Both of the above can be used as a nice change to cauliflower or broccoli. I have this old recipe for a side dish (or the vegetarians in your family may like it on its own) in my 'Favourites Cook Book' which I use for cauli or broccoli.

RECIPE: Saucy Broccoli/Cauli/Broccoflower

2 Tb Butter 1 cup celery - sliced
Small onion - chopped 1 packet Maggi soup (Cream of chicken or onion)
1 cup water 1/4 cup Nestle Reduced cream
1 Tb lemon juice 1 Tb lemon rind
500g Broccoli, cauli or other 1/4 cup slivered almonds - pan toasted

1. Saute onion & celery in butter.
2. Add soup & water.
3. Simmer 5 minutes, while stirring.
4. Cool slightly.
5. Add reduced cream, lemon rind & juice.
6. Cook broccoli, cauli, etc.
7. Place on serving dish and pour sauce over.
8. Sprinkle with almonds and serve.

I used to just harvest my summer produce and then leave the garden to the weeds over winter.

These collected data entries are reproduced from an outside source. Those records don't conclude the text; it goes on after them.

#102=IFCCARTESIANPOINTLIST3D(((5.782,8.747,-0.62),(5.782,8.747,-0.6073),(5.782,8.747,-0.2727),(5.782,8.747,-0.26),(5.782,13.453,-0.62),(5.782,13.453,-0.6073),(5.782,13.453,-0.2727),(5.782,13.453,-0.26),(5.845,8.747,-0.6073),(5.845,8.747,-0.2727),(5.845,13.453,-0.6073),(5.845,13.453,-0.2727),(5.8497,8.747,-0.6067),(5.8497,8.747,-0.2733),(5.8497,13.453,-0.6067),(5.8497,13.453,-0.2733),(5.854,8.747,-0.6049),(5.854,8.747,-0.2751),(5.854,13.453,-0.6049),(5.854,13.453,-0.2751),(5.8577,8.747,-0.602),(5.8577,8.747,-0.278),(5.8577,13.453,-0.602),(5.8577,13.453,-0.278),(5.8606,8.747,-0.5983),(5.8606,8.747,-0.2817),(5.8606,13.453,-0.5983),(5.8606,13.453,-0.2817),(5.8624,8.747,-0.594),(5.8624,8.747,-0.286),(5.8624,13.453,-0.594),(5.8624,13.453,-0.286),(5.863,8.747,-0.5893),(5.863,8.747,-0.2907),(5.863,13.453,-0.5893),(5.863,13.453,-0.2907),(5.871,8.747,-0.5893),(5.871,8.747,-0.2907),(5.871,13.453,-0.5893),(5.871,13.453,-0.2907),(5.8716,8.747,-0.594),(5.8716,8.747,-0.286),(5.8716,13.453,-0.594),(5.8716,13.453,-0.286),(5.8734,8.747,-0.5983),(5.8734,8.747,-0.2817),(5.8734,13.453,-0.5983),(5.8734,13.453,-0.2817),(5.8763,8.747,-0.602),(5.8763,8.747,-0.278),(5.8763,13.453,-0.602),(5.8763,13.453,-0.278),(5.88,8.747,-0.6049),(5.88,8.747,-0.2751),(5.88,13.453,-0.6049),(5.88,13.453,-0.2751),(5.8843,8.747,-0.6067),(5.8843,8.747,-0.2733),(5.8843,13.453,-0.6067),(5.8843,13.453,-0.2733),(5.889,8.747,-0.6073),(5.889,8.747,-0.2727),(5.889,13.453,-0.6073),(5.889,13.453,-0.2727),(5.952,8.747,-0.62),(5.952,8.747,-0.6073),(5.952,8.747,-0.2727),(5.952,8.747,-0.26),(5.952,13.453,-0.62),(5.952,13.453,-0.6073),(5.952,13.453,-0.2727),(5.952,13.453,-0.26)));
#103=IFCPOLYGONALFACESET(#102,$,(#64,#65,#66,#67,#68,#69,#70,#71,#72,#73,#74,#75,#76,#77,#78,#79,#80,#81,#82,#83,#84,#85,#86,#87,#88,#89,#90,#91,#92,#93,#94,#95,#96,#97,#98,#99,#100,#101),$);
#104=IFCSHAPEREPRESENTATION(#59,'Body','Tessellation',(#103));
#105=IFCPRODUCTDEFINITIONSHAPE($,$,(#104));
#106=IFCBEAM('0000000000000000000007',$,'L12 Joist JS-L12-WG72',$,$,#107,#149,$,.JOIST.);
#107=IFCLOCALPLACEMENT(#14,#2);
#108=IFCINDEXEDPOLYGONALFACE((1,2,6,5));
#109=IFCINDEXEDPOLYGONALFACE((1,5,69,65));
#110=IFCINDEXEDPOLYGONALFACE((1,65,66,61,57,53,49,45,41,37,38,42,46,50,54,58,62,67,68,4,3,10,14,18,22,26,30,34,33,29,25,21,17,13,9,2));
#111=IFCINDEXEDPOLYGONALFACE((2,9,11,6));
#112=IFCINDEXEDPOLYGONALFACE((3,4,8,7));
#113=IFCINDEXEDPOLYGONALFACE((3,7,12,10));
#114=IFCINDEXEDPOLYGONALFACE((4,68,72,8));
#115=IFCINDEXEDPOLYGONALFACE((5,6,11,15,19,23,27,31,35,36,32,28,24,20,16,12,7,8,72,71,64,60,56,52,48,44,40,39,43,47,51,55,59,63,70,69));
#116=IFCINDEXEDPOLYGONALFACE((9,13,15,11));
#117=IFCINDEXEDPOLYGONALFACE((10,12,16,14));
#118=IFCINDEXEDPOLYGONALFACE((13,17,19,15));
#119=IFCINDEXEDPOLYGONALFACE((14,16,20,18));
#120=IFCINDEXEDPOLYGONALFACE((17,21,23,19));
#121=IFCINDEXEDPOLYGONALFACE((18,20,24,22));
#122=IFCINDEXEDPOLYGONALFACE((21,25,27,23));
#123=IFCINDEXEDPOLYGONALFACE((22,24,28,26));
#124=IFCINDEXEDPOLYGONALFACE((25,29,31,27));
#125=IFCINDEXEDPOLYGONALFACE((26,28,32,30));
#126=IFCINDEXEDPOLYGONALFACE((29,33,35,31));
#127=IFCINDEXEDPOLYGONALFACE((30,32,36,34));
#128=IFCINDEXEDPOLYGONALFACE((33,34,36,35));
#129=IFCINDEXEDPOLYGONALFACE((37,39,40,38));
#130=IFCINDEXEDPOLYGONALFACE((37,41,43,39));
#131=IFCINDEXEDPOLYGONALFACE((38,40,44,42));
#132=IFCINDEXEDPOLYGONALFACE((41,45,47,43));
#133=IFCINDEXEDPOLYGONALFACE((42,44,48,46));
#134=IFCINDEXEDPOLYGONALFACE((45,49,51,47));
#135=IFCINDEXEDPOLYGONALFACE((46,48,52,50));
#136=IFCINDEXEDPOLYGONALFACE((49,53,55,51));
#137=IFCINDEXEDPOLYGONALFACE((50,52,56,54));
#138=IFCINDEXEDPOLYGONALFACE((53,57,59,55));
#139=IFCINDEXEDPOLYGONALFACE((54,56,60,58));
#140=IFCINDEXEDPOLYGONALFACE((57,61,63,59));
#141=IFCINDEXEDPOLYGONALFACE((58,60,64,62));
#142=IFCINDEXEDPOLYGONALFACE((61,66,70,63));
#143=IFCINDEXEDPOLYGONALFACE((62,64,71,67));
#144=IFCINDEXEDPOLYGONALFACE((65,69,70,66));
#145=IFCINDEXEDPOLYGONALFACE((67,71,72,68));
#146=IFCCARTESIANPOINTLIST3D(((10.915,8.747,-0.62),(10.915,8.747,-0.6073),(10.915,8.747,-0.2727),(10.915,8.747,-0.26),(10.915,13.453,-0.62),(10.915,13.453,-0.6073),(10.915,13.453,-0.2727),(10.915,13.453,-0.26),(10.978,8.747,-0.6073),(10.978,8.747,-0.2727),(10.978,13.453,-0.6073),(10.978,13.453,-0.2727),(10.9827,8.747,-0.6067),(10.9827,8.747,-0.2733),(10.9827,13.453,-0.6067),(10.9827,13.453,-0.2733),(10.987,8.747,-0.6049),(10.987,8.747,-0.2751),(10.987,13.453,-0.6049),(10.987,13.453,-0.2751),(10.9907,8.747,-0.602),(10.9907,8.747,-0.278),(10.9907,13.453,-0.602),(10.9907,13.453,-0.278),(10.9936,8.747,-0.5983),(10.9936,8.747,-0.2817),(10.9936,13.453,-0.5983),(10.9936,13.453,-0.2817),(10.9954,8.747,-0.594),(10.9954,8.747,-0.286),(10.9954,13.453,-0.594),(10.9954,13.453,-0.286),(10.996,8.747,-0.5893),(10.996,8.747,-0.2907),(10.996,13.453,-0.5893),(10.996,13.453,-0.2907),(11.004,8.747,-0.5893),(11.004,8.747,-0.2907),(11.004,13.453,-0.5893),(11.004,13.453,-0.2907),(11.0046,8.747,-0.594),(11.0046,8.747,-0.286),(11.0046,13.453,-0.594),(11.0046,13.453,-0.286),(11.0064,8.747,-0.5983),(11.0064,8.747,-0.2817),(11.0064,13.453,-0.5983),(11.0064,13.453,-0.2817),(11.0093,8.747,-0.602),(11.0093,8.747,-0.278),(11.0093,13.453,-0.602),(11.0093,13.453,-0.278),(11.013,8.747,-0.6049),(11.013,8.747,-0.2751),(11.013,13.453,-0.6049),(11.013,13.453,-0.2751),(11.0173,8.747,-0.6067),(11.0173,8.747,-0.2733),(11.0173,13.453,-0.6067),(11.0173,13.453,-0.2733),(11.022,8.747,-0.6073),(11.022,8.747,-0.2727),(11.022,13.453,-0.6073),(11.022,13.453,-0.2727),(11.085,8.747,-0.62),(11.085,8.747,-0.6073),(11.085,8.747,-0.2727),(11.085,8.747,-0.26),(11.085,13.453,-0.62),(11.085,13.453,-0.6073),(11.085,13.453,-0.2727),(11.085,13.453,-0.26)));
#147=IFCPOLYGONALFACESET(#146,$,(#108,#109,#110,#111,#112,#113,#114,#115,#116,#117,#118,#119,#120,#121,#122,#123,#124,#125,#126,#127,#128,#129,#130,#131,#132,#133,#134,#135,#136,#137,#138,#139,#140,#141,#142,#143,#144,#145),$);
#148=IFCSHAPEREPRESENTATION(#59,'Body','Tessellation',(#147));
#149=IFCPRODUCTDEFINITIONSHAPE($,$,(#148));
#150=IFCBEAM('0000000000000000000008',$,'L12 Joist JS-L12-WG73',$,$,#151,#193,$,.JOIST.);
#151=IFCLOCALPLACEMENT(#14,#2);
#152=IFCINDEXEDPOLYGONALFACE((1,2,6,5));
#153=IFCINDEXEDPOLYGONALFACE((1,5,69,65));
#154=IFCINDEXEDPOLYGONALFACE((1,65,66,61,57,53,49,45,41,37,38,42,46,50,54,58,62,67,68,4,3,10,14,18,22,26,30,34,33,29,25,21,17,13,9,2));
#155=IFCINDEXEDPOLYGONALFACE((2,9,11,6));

Then I discovered another option; if you're not keen to sow seed for autumn, a great thing to do is prime your soil for spring. Sow a manure crop or two to rejuvenate your garden. Check out this previous blog on Manure Crops if this sounds like something you'd like to explore.

Anything that minimises the weeding in my garden gets the big thumbs up!
Manure crops

Go on.....give two to three autumn crops a go, extend your harvest......are you ready for the challenge!!